# One Fokker G.I got away



## Marcel (Oct 17, 2007)

After the Germans occupied the Netherlands, there were still some 14 Fokker G.I’s of the B-type under construction in the Fokker factory. They were immediately ordered to be completed and after they had been test-flown, they were transferred to Germany as advanced fighter trainers.
All these test-flights were flown by Fokker pilots. In order to hinder any escape attempt, these planes only got fuel for half an hour of flight. Further more these test flights were escorted by a German chase-plane, which had to shoot down the plane if it tried to escape.
On the 5th of may 1941 two men were again testing one of the new G.I’s. They were test pilot Leegstra and ir. Vos, someone of the Fokker staff. With the aid of some collaborators among the ground crew, they filled the tanks of their arcraft, number 362. They tried to convince the German supervisor of the necessity of another test flight, before the plane could be accepted by the Luftwaffe. At first, the German showed some reluctance, but after a few drinks in the Schiphol canteen, he agreed. As usual, a chase-plane, being another G.IB manned by Luftwaffe personnel was to accompany them. At 4 o’clock, the two airplanes took off and flew east toward the IJsselmeer. Once ofer the water, the two dutch pilots started to make a series of sharp turns and succeeded in losing their escort by flying into the clouds. The german pilot thought they had crashed into the Ijsselmeer and returned to Schiphol.

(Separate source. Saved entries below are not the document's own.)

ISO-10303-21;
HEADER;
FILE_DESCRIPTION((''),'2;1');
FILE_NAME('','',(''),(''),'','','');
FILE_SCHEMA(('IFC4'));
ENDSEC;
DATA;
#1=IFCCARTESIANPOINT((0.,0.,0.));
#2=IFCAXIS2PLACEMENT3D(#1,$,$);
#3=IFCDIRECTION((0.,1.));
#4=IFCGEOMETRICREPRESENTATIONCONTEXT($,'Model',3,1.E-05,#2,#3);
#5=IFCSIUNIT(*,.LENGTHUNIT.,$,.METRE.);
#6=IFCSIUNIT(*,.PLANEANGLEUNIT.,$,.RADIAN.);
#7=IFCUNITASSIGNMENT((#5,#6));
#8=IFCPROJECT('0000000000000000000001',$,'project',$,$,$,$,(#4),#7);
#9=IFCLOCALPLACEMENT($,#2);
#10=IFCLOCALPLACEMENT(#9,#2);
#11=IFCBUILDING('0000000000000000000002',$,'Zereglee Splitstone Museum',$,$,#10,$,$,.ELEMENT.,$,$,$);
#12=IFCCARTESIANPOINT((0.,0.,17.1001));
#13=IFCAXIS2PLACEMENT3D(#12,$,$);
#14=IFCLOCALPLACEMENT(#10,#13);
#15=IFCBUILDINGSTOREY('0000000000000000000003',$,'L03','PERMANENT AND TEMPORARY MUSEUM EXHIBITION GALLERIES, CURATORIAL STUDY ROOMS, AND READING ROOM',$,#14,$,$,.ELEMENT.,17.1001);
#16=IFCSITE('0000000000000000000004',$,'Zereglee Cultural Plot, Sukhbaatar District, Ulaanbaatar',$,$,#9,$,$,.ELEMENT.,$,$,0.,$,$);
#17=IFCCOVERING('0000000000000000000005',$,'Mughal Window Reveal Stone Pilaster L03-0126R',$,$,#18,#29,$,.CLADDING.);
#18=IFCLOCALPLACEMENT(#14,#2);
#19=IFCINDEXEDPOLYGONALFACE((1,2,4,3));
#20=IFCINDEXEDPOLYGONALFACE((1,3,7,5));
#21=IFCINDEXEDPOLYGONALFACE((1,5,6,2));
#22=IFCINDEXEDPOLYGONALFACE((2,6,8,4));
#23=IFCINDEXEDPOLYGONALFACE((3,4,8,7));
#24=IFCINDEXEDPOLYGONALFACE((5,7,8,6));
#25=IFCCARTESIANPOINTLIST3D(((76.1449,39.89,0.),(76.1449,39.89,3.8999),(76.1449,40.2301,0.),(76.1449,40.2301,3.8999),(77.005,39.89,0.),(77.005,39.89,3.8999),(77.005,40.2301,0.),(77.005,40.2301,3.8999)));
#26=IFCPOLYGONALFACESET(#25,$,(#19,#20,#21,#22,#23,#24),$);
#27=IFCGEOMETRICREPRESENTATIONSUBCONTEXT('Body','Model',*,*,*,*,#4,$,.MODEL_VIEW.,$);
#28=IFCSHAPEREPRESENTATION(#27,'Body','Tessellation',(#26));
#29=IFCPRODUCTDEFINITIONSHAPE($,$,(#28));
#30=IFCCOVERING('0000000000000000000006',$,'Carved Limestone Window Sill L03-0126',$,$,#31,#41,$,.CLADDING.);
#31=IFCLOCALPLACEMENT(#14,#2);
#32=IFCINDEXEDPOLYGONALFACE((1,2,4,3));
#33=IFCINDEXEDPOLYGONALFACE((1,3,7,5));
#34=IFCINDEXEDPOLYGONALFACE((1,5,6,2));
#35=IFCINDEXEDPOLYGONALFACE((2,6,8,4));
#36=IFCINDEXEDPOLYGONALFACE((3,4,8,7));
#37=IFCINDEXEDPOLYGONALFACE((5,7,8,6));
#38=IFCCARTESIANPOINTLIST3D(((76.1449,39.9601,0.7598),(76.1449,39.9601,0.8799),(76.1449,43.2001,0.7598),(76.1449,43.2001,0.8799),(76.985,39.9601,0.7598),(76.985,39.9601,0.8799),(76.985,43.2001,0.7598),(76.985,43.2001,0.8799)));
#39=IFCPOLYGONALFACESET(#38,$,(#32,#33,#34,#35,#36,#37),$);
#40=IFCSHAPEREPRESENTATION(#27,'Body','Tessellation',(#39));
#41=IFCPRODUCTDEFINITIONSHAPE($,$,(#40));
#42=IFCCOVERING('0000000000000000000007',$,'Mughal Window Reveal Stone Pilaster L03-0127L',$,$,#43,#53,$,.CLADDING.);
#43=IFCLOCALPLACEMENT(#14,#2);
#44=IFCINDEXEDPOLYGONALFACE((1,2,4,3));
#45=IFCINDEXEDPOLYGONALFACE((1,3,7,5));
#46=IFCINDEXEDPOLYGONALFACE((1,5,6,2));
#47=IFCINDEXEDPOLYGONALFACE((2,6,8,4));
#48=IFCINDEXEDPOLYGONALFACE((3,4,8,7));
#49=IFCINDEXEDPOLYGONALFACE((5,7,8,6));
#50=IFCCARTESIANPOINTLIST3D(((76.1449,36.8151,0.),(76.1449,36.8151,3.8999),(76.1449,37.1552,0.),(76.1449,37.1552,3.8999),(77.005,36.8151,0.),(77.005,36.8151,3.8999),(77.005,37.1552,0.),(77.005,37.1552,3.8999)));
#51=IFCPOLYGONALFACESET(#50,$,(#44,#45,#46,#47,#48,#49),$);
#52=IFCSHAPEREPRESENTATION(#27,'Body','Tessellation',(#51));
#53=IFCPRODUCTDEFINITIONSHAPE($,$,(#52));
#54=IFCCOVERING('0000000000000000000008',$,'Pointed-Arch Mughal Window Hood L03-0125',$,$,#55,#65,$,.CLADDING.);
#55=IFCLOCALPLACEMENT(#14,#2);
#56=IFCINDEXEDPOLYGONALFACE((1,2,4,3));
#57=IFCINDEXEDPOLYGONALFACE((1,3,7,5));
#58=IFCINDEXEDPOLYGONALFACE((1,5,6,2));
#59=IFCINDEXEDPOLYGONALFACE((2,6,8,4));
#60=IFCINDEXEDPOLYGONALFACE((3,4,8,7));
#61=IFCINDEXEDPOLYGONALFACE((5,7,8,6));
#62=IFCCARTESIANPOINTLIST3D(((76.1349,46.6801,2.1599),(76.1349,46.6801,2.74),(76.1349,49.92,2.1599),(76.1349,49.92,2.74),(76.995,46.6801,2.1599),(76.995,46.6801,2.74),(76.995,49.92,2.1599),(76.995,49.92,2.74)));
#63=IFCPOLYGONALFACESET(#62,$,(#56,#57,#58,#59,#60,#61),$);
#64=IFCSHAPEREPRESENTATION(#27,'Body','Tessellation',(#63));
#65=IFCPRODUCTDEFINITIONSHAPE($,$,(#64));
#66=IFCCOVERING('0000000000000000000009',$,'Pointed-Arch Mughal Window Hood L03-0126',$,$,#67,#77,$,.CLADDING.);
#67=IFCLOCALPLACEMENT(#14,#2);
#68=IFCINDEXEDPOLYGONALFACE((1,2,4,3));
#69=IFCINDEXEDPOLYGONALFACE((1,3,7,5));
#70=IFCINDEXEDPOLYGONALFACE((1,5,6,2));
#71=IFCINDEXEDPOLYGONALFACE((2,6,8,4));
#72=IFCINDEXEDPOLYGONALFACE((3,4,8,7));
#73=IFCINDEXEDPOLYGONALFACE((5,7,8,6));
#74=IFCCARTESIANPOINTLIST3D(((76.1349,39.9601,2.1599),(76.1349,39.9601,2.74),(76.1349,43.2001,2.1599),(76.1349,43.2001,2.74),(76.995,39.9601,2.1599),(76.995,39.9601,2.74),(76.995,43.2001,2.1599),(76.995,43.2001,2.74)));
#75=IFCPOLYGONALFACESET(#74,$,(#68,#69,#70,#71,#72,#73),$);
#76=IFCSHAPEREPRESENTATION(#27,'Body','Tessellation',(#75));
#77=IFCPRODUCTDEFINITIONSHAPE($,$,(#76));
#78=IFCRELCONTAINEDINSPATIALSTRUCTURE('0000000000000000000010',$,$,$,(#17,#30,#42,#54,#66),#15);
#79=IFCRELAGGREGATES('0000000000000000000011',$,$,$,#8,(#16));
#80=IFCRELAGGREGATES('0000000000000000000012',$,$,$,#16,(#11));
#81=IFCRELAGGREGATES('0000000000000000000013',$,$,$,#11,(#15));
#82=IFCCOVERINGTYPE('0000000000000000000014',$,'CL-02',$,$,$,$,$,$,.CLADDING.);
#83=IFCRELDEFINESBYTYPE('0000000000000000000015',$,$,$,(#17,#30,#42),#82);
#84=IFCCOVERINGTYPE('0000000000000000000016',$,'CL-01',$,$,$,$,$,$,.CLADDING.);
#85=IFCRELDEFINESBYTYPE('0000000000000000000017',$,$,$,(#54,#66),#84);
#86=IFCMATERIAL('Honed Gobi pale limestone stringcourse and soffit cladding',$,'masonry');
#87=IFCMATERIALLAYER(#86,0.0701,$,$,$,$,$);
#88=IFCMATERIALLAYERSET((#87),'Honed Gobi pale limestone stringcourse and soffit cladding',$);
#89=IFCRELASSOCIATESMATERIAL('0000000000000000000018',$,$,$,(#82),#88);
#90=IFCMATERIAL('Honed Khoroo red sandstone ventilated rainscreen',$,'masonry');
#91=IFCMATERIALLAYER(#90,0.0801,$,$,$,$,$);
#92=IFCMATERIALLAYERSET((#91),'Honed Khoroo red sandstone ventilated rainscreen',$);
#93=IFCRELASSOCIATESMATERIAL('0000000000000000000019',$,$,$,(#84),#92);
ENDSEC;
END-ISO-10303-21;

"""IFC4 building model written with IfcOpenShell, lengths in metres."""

from ifc_helpers import new_model, si_unit, direction, frame, origin, origin_2d, place, context, subcontext, project, spatial, rectangle, extrude, material, layer, layer_set, type_object, element, save


model = new_model("IFC4")

# Units and contexts
model_context = context("Model", 3, precision=1e-05, world=origin(), true_north=direction((0.0, 1.0)))
body_context = subcontext(model_context, "Body", "Model", "MODEL_VIEW")
ifc_project = project(units=[si_unit("LENGTHUNIT", "METRE"), si_unit("PLANEANGLEUNIT", "RADIAN")], contexts=[model_context])

# Site, building, storey
site_placement = place(None, origin())
site = spatial("IfcSite", under=ifc_project, at=site_placement, Name="Zereglee Cultural Plot, Sukhbaatar District, Ulaanbaatar", CompositionType="ELEMENT", RefElevation=0.0)
building_placement = place(site_placement, origin())
building = spatial("IfcBuilding", under=site, at=building_placement, Name="Zereglee Splitstone Museum", CompositionType="ELEMENT")
storey_placement = place(building_placement, frame((0.0, 0.0, 17.1001)))
storey = spatial("IfcBuildingStorey", under=building, at=storey_placement, Name="L03", Description="PERMANENT AND TEMPORARY MUSEUM EXHIBITION GALLERIES, CURATORIAL STUDY ROOMS, AND READING ROOM", CompositionType="ELEMENT", Elevation=17.1001)

# Coverings
ifc_material_1 = material(Name="Honed Gobi pale limestone stringcourse and soffit cladding", Category="masonry")
ifc_layer_1 = layer(ifc_material_1, 0.0701)
ifc_layer_set_1 = layer_set([ifc_layer_1], Name="Honed Gobi pale limestone stringcourse and soffit cladding")
covering_type_1 = type_object("IfcCoveringType", Name="CL-02", PredefinedType="CLADDING", material=ifc_layer_set_1)
for number, where, z_axis, x_axis, name in (
    (1, (76.575, 40.0601, 0.0), (0.0, 0.0, 1.0), (0.0, -1.0, 0.0), "Mughal Window Reveal Stone Pilaster L03-0126R"),
):
    element("IfcCovering", number, at=place(storey_placement, frame(where, z_axis=z_axis, x_axis=x_axis)), inside=storey, type_object=covering_type_1, Name=name, PredefinedType="CLADDING", context=body_context, shape_type="SweptSolid", body=[
        extrude(rectangle(XDim=0.3401, YDim=0.8601, at=origin_2d()), origin(), (0.0, 0.0, 1.0), 3.8999),
    ])
covering_1_placement = place(storey_placement, frame((76.5649, 41.5801, 0.7598), z_axis=(0.0, 0.0, 1.0), x_axis=(0.0, -1.0, 0.0)))
element("IfcCovering", 2, at=covering_1_placement, inside=storey, type_object=covering_type_1, Name="Carved Limestone Window Sill L03-0126", PredefinedType="CLADDING", context=body_context, shape_type="SweptSolid", body=[
    extrude(rectangle(XDim=3.24, YDim=0.8401, at=origin_2d()), origin(), (0.0, 0.0, 1.0), 0.1201),
])
covering_2_placement = place(storey_placement, frame((76.575, 36.9851, 0.0), z_axis=(0.0, 0.0, 1.0), x_axis=(0.0, -1.0, 0.0)))
element("IfcCovering", 3, at=covering_2_placement, inside=storey, type_object=covering_type_1, Name="Mughal Window Reveal Stone Pilaster L03-0127L", PredefinedType="CLADDING", context=body_context, shape_type="SweptSolid", body=[
    extrude(rectangle(XDim=0.3401, YDim=0.8601, at=origin_2d()), origin(), (0.0, 0.0, 1.0), 3.8999),
])
ifc_material_2 = material(Name="Honed Khoroo red sandstone ventilated rainscreen", Category="masonry")
ifc_layer_2 = layer(ifc_material_2, 0.0801)
ifc_layer_set_2 = layer_set([ifc_layer_2], Name="Honed Khoroo red sandstone ventilated rainscreen")
covering_type_2 = type_object("IfcCoveringType", Name="CL-01", PredefinedType="CLADDING", material=ifc_layer_set_2)
for number, where, z_axis, x_axis, name in (
    (4, (76.5649, 48.3, 2.1599), (0.0, 0.0, 1.0), (0.0, -1.0, 0.0), "Pointed-Arch Mughal Window Hood L03-0125"),
    (5, (76.5649, 41.5801, 2.1599), (0.0, 0.0, 1.0), (0.0, -1.0, 0.0), "Pointed-Arch Mughal Window Hood L03-0126"),
):
    element("IfcCovering", number, at=place(storey_placement, frame(where, z_axis=z_axis, x_axis=x_axis)), inside=storey, type_object=covering_type_2, Name=name, PredefinedType="CLADDING", context=body_context, shape_type="SweptSolid", body=[
        extrude(rectangle(XDim=3.24, YDim=0.8601, at=origin_2d()), origin(), (0.0, 0.0, 1.0), 0.5801),
    ])

save(model, "model.ifc")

The dutch set course to England. Over the North sea they were intercepted by Hurricanes. They quickly lowered their undercarriage to show their surrender so the Hurricanes refrained from shooting at the strange “German” aircraft. As they crossed the British coast, they were being shot at and damaged by flak (the plane still wore the LW’s black crosses on the wings). The plane finally touched down in a field somewhere south of Yarmouth.

Below, the G.I with British markings


----------



## comiso90 (Oct 17, 2007)

Interesting...

I wonder what happened to the Germans that authorized the test flight and lost them in the clouds.

I assume the chase planes were 109's?

.


----------



## Marcel (Oct 17, 2007)

I don't know. The german pilot in this case was aparently Emil Meinecke, I think he was an ace in WWI and later became a test pilot for Fokker between the wars. I don't know what happened to him, I found this after googling:
Emil Meinecke


----------



## Bullockracing (Oct 17, 2007)

The story states the chase plane was another G.1...


----------



## Marcel (Oct 17, 2007)

Yep, on this flight it was, not sure if this was the case on all flights.


----------



## delcyros (Oct 17, 2007)

Marcel, do You know how Fokker G1 particiaption was during may 1940?
Do they or other dutch planes achieved / claimed Luftwaffe planes or flew ground attack sorties?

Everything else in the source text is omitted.